High costs associated with research and development (R&D), clinical trials, and regulatory compliance
Accurate Accounting is challenging, considering the uncertainty of success and the need to capitalize
some costs while expensing others.
Example: A pharmaceutical company may need to allocate R&D expenses across multiple accounting
periods, making it necessary to carefully assess when certain development costs should be capitalized and
when they should be expensed.
b. Regulatory Compliance:
Compliance with regulations requires meticulous record-keeping and adherence to specific accounting
standards for items like drug approval costs, quality control, and manufacturing processes.
Example: A pharmaceutical company must maintain detailed records of all activities related to drug
development, including clinical trial expenses, quality control expenses, and regulatory filing costs, while
ensuring these expenses are correctly classified in accordance with accounting standard
C. Revenue Recognition:
a. Milestone-Based Revenue Recognition: Pharmaceutical companies typically recognize revenue when
specific milestones in the drug development process are achieved. These milestones can include regulatory
approvals, successful clinical trial results, or product launches.

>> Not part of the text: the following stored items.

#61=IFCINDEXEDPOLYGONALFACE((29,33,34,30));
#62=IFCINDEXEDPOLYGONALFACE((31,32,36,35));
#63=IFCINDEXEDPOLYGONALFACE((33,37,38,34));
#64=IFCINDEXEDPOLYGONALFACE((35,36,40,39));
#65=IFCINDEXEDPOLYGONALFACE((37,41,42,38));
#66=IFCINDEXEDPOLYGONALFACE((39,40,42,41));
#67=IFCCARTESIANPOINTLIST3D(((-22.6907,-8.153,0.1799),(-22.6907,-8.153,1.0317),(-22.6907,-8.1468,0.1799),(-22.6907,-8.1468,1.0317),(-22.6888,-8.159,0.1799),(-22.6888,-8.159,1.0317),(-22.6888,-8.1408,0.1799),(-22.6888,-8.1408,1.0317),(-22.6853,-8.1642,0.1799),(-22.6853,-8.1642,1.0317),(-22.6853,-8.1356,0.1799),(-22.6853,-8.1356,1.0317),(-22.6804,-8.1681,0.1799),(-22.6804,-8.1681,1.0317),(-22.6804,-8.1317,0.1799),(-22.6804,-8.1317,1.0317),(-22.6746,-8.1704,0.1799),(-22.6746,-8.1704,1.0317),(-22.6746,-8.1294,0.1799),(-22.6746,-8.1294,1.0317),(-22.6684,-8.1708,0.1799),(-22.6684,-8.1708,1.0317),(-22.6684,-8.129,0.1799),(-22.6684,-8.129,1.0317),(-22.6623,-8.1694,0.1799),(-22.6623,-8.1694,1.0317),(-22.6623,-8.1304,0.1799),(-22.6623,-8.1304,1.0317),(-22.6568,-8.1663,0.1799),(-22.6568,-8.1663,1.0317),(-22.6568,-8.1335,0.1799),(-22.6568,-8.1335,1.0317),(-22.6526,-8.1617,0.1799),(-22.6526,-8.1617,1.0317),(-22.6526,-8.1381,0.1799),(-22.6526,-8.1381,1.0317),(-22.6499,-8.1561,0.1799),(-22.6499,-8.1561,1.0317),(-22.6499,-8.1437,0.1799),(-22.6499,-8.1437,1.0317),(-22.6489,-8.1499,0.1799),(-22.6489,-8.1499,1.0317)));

Example: Revenue recognition can be complex in cases where a pharmaceutical company receives upfront
payments or royalties based on future milestones. Deciding when to recognize revenue related to these
milestones requires careful evaluation of contractual terms and progress toward achieving the milestones.
D. Patented Drugs and Generic Competition: The expiration of patents for blockbuster drugs can
significantly impact revenue. When patents expire, generic competitors can enter the market, leading to a
sharp decline in revenue for the original pharmaceutical company.
Example: Pharmaceutical companies must plan for revenue decreases when patents are set to expire and
adjust their financial forecasts and strategies accordingly.